PuTTYgen 是一套可以產生金鑰的工具,它可生成 RSA 以及 DSA 的金鑰, 做出來的公開以及私有金鑰,可以用於 PuTTY 、 PSCP 、 Plink 以及 Pageant 。

    • 產生一個新的金鑰 :

  1. 直接點選 PuTTYgen 圖示。

  2. 第一步,選擇所要生成之金鑰的演算法 (RSA / DSA) 、 SSH 版阿本以及金鑰的長度,如下圖所示。 

  3. 按下後,在下圖所表示的紅框內任意移動滑鼠, 直到金鑰產生結束,此時,電腦會收集滑鼠任意移動所得到的資訊,最為產生金鑰的亂數依據,如下圖。

  4. 產生完後,可更改金鑰的備註,另外請任意輸入自己不易忘記的句子,做為啟動私鑰的通行碼之用,之後將私鑰儲存在安全的地方,如下圖所示。

  • 以下將講解上述過程中遇到的各個選項及其代表意義:

    • 生成之金鑰的演算法:

  1. SSH 1 協定僅能使用 RSA 做為生成金鑰的演算法,而 SSH 2 協定能夠支援 RSA 以及 DSA 兩種演算法。

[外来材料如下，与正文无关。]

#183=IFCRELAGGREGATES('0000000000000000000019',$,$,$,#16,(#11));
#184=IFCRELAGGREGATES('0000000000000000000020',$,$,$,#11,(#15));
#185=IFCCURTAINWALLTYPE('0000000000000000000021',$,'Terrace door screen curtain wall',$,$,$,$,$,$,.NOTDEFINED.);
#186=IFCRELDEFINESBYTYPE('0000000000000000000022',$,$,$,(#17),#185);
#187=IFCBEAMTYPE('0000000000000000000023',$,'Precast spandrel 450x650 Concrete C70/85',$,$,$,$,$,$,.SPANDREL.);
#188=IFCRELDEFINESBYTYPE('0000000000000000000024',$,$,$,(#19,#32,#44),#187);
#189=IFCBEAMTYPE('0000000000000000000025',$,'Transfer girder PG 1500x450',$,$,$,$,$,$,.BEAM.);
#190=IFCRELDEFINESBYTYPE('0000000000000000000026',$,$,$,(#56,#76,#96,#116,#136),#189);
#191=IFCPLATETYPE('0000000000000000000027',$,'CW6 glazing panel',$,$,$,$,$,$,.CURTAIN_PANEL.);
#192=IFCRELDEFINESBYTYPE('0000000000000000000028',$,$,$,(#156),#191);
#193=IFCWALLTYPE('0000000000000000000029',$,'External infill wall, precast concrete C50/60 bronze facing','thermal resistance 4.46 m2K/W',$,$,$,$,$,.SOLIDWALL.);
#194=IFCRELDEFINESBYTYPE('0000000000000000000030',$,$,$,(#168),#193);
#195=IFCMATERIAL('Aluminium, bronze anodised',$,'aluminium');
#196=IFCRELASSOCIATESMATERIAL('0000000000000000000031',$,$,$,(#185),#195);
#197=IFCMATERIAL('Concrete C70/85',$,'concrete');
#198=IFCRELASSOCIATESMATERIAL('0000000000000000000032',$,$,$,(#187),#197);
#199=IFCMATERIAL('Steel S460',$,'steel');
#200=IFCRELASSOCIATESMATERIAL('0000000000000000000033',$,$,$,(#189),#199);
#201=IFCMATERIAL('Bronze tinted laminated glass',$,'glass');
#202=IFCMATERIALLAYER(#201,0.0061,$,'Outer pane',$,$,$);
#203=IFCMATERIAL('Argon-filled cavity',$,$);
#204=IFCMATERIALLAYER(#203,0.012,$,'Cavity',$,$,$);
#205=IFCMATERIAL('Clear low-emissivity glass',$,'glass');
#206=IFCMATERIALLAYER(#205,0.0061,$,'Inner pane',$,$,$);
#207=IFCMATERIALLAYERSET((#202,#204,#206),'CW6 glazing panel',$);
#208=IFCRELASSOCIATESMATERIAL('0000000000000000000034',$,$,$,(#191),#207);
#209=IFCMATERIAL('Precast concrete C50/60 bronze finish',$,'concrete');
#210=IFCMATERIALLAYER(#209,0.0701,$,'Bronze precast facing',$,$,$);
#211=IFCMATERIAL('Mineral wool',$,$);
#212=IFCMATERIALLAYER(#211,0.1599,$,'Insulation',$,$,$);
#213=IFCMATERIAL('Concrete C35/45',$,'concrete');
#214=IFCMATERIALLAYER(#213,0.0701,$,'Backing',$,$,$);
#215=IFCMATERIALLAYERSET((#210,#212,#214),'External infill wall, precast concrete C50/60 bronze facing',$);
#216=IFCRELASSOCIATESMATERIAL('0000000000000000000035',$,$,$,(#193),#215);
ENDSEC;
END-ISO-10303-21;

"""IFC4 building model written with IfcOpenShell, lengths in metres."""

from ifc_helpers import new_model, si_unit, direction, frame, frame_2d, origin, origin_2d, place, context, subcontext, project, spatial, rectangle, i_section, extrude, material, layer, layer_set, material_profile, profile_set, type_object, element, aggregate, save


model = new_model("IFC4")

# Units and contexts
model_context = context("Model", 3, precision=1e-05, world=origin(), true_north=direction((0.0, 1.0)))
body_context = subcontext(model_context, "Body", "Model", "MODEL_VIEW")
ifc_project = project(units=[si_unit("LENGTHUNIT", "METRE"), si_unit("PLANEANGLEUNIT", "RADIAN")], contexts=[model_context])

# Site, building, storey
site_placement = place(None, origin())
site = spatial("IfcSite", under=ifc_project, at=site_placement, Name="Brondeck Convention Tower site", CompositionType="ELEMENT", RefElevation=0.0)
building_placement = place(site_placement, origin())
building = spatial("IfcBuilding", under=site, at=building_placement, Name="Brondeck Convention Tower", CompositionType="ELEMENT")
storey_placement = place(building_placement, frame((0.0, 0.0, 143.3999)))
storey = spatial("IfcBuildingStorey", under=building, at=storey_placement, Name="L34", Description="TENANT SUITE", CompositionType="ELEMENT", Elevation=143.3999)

  2. PuTTY 的作者強烈建議使用者使用 RSA 來生成金鑰,因為 DSA 有一些設計不良的地方,可能會導致是用者的私鑰被有心人士竊聽,倘若非要使用 DSA 時,也請不要在每台遠端伺服機使用同樣的金鑰。

  • 金鑰的長度:

長度越長,相對而言,也就更為安全,但對於大部分的情況之下, 1024 bit 已經很足夠。

  • 啟動私鑰:

當儲存私鑰至近端電腦時,若沒有輸入通行碼 (passphrase) ,則私鑰不會再被加密,意指任何人若取得此私鑰則對方將聽行無阻。若在儲存之際,有事先輸入自己熟記的一串通行碼,則就算私鑰被拿走,對方也無法取用其中的內容。

請記住你的通行碼,它並無法經由其他方式取得它。

  • 關於相容性的問題:

  • 大部分的 SSH 1 client 使用標準定義的私鑰, PuTTY 也是依照標準來執行,所以不會有與其他的 SSH client 相衝突。

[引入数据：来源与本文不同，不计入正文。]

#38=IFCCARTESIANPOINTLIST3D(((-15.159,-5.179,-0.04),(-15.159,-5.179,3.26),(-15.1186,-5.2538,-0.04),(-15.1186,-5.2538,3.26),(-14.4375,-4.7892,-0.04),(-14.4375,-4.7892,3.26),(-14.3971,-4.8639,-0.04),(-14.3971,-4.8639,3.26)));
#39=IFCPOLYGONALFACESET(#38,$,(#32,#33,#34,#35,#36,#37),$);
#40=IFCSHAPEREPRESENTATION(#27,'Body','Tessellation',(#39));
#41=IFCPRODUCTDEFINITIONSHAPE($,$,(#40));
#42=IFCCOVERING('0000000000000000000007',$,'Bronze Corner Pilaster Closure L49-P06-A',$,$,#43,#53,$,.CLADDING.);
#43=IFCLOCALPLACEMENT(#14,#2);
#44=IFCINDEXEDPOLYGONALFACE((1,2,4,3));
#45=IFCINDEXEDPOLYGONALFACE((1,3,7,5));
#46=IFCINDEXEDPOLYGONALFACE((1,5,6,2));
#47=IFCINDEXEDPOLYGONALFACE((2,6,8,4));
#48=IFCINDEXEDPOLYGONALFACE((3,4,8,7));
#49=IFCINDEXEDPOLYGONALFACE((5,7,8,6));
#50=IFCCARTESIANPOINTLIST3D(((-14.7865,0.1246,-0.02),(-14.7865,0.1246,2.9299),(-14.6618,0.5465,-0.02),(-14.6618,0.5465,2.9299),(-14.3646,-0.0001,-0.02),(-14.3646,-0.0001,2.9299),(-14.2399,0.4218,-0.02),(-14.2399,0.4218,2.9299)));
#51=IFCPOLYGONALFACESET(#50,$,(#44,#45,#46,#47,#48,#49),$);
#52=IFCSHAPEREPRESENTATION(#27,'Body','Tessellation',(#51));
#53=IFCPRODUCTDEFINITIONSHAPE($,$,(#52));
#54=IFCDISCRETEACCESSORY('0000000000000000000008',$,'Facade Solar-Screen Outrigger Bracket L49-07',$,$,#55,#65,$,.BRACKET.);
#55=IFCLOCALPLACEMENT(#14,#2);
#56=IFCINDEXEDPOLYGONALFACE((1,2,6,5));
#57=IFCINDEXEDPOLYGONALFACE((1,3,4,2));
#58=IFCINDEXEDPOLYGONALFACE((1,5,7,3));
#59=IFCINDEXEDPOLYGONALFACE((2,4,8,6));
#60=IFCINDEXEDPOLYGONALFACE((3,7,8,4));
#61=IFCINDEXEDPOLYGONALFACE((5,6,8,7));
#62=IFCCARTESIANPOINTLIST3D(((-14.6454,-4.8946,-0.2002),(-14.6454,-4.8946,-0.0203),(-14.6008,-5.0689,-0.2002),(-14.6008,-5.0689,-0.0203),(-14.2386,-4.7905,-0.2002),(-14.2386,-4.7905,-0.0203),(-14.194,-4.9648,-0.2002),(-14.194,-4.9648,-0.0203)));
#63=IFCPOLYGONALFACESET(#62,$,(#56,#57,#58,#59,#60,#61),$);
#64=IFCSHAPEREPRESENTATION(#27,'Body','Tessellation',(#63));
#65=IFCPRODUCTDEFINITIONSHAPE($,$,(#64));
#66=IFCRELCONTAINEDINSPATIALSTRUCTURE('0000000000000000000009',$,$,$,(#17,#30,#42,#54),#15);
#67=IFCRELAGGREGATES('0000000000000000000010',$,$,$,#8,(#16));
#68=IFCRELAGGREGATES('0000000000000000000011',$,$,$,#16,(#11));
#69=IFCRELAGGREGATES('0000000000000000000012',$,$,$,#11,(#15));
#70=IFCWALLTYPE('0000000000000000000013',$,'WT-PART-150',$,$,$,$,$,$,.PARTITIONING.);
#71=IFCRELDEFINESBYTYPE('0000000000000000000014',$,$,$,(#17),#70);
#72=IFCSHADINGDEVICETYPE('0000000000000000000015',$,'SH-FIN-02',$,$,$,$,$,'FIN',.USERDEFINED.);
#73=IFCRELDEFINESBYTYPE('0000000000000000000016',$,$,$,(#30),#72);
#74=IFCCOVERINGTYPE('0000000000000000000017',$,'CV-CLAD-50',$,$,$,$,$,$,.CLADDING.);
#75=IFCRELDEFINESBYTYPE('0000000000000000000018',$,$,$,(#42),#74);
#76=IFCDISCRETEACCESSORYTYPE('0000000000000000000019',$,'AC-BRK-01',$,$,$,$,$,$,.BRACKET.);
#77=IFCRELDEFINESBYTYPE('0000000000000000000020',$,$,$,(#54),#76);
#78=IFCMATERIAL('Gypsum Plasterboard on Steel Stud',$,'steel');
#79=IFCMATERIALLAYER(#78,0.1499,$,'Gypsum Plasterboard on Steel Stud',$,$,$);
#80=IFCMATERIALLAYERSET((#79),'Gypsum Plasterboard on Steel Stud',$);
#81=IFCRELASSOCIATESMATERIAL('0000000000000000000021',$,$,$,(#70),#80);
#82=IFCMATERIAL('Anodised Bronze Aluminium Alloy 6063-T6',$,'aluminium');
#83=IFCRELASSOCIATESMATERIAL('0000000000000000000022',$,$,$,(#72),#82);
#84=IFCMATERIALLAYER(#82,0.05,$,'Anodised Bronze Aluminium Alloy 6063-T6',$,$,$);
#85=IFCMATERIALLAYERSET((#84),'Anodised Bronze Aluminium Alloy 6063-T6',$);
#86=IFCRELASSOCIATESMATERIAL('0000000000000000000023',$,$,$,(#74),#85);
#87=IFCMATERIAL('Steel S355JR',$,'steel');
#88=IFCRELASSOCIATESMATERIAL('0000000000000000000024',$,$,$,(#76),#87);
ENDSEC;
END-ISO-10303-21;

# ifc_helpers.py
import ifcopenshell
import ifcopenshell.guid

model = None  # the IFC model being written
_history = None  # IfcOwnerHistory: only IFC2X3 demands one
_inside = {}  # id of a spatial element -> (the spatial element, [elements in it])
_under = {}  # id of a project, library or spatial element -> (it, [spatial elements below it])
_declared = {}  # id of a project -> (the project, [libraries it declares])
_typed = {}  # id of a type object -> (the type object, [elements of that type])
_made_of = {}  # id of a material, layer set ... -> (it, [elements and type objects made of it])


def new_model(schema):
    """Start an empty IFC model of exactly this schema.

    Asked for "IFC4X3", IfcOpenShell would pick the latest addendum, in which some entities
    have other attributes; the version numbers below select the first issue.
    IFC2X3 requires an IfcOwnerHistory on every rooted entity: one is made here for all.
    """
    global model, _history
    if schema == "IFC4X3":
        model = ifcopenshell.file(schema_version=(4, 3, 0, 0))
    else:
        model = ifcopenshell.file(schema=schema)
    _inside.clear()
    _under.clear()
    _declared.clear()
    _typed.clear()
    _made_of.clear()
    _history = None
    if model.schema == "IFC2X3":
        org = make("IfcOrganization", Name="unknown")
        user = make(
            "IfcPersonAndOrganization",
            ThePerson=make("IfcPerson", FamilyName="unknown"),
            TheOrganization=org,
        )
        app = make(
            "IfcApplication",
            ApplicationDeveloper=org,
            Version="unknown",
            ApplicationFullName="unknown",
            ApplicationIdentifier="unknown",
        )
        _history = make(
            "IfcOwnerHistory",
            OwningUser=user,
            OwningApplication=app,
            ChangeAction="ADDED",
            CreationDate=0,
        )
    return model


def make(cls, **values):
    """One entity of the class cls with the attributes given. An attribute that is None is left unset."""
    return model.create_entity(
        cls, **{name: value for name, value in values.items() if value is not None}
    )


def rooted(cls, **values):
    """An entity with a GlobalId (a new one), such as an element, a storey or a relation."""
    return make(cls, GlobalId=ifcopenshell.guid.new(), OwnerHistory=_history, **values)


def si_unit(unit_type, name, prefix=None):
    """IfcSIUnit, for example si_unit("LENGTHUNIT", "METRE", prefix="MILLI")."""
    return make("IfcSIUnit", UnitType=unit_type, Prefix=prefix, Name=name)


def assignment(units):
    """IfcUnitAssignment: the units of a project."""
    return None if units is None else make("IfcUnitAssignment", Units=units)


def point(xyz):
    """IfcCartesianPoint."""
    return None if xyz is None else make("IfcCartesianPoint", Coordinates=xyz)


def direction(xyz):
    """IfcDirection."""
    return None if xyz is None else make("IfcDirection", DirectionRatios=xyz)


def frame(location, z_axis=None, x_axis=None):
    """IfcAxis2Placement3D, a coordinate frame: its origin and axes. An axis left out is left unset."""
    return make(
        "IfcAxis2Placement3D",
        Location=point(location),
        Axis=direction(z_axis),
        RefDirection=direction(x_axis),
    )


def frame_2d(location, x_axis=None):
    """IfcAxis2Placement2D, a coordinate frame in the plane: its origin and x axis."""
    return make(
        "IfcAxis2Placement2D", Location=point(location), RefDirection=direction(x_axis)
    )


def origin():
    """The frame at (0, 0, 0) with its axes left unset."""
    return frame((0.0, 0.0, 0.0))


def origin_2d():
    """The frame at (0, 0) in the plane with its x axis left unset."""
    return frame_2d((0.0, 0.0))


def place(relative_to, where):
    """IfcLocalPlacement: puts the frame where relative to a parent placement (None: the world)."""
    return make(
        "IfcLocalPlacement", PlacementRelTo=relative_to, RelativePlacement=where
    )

  • 然而 SSH 2 的私鑰並沒有一個標準的格式,所以任一套軟體 (PuTTY 、 OpenSSH 、 ssh.com) 生成的金鑰無法立刻在其他套軟體上執行。

PuTTYgen 能夠將私鑰輸出成 OpenSSH 以及 ssh.com 的格式,請先下載最新測試版的 PuTTYgen ,先將私鑰匯入 PuTTYgen 後,在 Converstions 中選擇所要輸出的格式,在儲存新的私鑰之前,請先移除通行碼。

    • 如何利用金鑰來提供連線認證:

  • 如果你使用 SSH 1 協定,請先至遠端家目錄的 .ssh 目錄,以文字編輯器開啟檔案 authorized_keys ,先暫時回到近端電腦,使用 PuTTYgen 載入所儲存之私鑰,載入後,請將上圖黃色框框內的所有文字複製,再回到 authorized_keys 檔案中,將複製內的東西全部貼上,存檔離開即可。

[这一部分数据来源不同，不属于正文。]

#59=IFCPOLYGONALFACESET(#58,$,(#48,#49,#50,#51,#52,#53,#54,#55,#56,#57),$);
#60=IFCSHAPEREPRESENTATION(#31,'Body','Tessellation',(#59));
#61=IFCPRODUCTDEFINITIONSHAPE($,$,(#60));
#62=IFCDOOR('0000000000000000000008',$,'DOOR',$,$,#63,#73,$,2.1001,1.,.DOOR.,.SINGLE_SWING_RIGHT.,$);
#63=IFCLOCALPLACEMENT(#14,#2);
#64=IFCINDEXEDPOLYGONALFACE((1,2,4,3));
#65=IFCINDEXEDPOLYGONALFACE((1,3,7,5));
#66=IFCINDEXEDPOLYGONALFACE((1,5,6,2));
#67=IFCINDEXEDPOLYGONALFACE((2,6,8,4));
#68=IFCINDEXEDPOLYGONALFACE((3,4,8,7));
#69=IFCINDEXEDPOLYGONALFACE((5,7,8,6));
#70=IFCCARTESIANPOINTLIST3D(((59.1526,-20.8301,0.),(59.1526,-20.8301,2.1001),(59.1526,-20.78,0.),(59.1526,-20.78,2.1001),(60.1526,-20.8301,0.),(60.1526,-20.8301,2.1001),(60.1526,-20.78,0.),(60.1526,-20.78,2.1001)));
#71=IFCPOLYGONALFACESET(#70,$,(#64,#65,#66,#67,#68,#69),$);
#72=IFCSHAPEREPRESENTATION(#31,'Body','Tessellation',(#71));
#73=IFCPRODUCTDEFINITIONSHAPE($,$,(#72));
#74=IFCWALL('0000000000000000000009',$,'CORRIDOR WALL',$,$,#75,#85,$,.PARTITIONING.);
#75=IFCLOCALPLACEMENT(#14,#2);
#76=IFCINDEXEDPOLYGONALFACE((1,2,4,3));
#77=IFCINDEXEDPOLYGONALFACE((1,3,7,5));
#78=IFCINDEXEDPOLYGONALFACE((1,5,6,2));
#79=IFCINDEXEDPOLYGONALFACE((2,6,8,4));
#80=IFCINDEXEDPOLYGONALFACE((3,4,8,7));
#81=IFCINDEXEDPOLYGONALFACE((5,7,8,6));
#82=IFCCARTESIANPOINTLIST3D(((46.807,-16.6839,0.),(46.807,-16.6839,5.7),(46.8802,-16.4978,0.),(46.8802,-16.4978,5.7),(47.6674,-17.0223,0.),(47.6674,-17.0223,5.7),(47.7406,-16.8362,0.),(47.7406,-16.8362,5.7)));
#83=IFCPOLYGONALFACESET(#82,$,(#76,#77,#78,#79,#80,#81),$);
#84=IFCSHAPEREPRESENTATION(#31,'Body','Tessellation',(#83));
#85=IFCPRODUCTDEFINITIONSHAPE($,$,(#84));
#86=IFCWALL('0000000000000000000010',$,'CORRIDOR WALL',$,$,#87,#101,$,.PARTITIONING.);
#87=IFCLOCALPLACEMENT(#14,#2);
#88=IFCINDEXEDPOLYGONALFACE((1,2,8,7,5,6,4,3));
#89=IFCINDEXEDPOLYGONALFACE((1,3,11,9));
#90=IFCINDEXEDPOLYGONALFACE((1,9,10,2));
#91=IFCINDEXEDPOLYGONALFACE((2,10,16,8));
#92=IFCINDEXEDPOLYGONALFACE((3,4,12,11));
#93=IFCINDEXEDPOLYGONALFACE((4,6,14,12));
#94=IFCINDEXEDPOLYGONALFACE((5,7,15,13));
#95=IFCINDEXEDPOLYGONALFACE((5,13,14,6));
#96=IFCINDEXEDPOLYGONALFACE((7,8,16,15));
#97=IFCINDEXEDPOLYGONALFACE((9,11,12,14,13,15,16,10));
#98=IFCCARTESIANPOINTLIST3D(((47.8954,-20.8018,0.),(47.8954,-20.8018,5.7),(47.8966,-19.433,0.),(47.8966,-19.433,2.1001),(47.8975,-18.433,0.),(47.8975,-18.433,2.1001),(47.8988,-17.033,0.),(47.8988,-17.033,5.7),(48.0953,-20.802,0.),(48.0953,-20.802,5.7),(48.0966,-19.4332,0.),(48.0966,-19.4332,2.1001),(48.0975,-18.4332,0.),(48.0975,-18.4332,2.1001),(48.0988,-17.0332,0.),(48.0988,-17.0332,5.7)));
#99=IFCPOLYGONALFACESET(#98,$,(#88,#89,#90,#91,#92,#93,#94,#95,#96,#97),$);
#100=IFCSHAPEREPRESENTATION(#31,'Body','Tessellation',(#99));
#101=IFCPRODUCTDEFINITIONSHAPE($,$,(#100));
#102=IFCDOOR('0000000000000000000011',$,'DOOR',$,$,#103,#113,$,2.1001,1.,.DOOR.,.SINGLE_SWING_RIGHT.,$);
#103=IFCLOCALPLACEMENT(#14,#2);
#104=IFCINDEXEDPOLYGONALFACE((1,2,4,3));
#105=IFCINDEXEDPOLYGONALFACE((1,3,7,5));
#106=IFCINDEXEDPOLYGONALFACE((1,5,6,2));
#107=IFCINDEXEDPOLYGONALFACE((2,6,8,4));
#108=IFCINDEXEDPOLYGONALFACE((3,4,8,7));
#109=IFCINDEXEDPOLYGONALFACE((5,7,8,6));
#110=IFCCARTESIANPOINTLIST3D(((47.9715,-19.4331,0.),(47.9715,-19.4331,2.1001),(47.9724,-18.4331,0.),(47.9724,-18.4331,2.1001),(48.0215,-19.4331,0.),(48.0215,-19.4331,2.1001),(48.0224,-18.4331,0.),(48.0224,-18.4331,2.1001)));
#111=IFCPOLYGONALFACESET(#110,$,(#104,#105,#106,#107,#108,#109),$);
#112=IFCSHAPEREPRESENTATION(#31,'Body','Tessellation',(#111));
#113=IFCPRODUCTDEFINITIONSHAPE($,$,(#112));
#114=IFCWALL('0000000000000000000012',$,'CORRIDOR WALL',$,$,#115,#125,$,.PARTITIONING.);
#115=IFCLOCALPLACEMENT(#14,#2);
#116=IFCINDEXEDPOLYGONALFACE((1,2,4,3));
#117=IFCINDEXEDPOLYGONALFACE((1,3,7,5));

  • 倘若遠端伺服機提供的是早期版本的 OpenSSH 2 ,先前的檔案要改名為 authorized_keys2 。

  • 如果遠端伺服機為 ssh.com ,你必須先將轉換過公鑰上傳至家目錄的 .ssh2 目錄,並且編輯檔案 authorization ,在檔案中尋找一行開頭為 key ,並且將 key 後面的檔案名稱更改成你剛剛上傳的公鑰檔案名。

  • 請注意位於家目錄的 .ssh 目錄的檔案權限及屬性,它僅可以讓自己寫入。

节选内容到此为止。